Im Bodenfilter leben im unteren Wurzelbereich (sauerstoffarmer Bereich) Bakterien die das Nitrat in Luftstickstoff umwandeln, das damit aus dem Wasser entweichen kann.
Zusätzlich hemmt die Lebensgemeinschaft der verschiedenen (guten) Bakterien die Vermehrung der schlechten Bakterien.

Ich hoffe ich habe das soweit noch richtig im Kopf gehabt.

Servus
 Robert


----------



## wander-falke (4. Juni 2015)

Hallo Christian,

herzlich willkommen im Forum
ichhabe auch noch einen Link der von interesse ist:

http://www.koi-gehlhaar.de/koi/forum/viewtopic.php?t=1054

Viel Spass im Forum


----------



## Mondragor (20. Juni 2015)

Hallo Leute,

ich würde da eher in Richtung Filterteich / Filtergraben tendieren wollen, da diese meines Erachtens besser in unseren Garten passen würden.
Hat jemand ähnliche Links auch für Filtergraben, wo das so gut erklärt ist wie in den bereits geposteten Links für bewachsene Bodenfilter?

Grüße,
Christian


----------



## PeBo (20. Juni 2015)

Hallo Christian,
vielleicht wäre ja ein Filtergraben in der Form eines Bachlaufs für dich richtig.

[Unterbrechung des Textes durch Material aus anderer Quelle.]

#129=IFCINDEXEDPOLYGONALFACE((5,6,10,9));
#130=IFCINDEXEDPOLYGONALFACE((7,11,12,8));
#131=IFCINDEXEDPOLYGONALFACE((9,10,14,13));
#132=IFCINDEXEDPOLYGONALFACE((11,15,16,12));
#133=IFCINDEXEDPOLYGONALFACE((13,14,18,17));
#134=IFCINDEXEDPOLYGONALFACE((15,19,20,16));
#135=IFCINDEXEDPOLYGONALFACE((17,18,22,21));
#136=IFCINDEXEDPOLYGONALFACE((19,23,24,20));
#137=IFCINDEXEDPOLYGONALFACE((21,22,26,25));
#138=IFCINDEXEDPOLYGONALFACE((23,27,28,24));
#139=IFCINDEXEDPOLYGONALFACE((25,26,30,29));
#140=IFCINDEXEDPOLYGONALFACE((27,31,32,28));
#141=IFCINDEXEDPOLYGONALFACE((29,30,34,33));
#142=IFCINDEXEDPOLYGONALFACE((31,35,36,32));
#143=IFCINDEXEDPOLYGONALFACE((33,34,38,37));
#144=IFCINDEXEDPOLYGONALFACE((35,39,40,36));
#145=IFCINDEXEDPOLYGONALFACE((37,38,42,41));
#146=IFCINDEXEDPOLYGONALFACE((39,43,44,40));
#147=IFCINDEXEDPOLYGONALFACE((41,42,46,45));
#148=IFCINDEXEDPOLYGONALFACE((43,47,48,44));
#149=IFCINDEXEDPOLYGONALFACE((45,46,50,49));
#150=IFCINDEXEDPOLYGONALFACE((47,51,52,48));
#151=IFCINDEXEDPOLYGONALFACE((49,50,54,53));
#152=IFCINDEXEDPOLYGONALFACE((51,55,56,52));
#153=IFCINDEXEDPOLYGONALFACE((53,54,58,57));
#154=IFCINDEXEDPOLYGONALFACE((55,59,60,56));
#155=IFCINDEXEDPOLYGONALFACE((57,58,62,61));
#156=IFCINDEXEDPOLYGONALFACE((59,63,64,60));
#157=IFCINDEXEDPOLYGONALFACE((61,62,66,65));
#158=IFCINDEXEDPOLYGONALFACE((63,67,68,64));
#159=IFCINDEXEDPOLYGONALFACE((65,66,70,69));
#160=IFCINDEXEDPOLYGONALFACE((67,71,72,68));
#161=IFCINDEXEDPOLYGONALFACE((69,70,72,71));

Ich betreibe so etwas schon seit langem und bin sehr zufrieden damit. Bei mir ist es ein circa 5 m langer  Bachlauf ganz ohne Stufen alles auf einem Niveau.  Der Graben hat ein rechteckiges Profil circa 40 cm tief und 50 cm breit. Der Zulauf ist direkt vom Ausgang des Filters. Der Auslauf geht in den Teich. Im Teich habe ich einen kleinen Graben direkt hinter der Randbepflanzung, so dass das Wasser auch dort noch zusätzlich gefiltert wird. Man sieht auf dem einen Bild genau, dass an dieser Stelle wo das Wasser von hinten um die Bepflanzung strömt, die Pflanzen wesentlich höher sind.  An Pflegemaßnahmen habe ich bisher nur dass ich öfter mal Pflanzen entnehmen muss damit genügend Wasser durchlaufen kann.  Durch das entfernen der Pflanzen (Biomasse) entnehme ich dem Teich natürlich auch Nährstoffe. Die Bilder habe ich gerade eben mit dem Handy geschossen.

Peter


----------



## Mondragor (20. Juni 2015)

Hallo Peter.
Das geht schon einmal in die richtige Richtung. Ich dachte mir das quasi als kaskade mit einem vom Wasserstand her erhobenen Niveau im Pflanzenteich, der durch einen Bachlauf gespeist wird und in die Uferzone des vorhandenen, mit Fischen besetzten Teiches. Der vorhandene Fischteich selbst soll auch in der Sumpfzone bepflanzt werden, damit Farbe und Natur ins Bild rückt. Hierbei wäre es erst einmal interessant zu wissen, wie das Verhältnis zwischen Fischteich-Volumen und Filterteich-Volumen sowie die Tiefe sein müssen, um idealerweise auch ganzjährig betrieben werden zu können. Diese Parameter sind deshalb wichtig, damit man den Garten entsprechend umgestalten kann, vielleicht müssen Bäume versetzt werden...
Wenn diese Parameter erst einmal klar wären, könnte ich überlegen, ob es ein Folienteich oder ein Becken werden soll. Ein Becken wäre aus offensichtlichen Gründen leichter umsetzbar. Es soll dann möglichst naturnah aussehen, allerdings soll schon eine Auswahl an Pflanzen möglich sein, die einen sind weniger schön als die anderen...
In diese Richtung geht die Überlegung und da wären nun einige Antworten gefragt.
Also bei Deinen Maßen wäre das ja gerade 1 m³ Wasser im Filtergraben.
Die Fragen, die sich für meine Vorstellungen also ergeben sind:

Welche Größe und Tiefe wäre erforderlich?
Welche Stufen sollten eingeplant werden?
Welche Durchflussmenge je Zeiteinheit wäre sinnvoll (ggf. Minimum / Maximum)?
Wie sähe dann die grundlegende Gestaltung aus, Substrate und dergleichen?


----------



## PeBo (20. Juni 2015)

Hallo Christian,

Grüße und Volumen des Pflanzenteiches sind sicherlich abhängig von deinem Fischbesatz.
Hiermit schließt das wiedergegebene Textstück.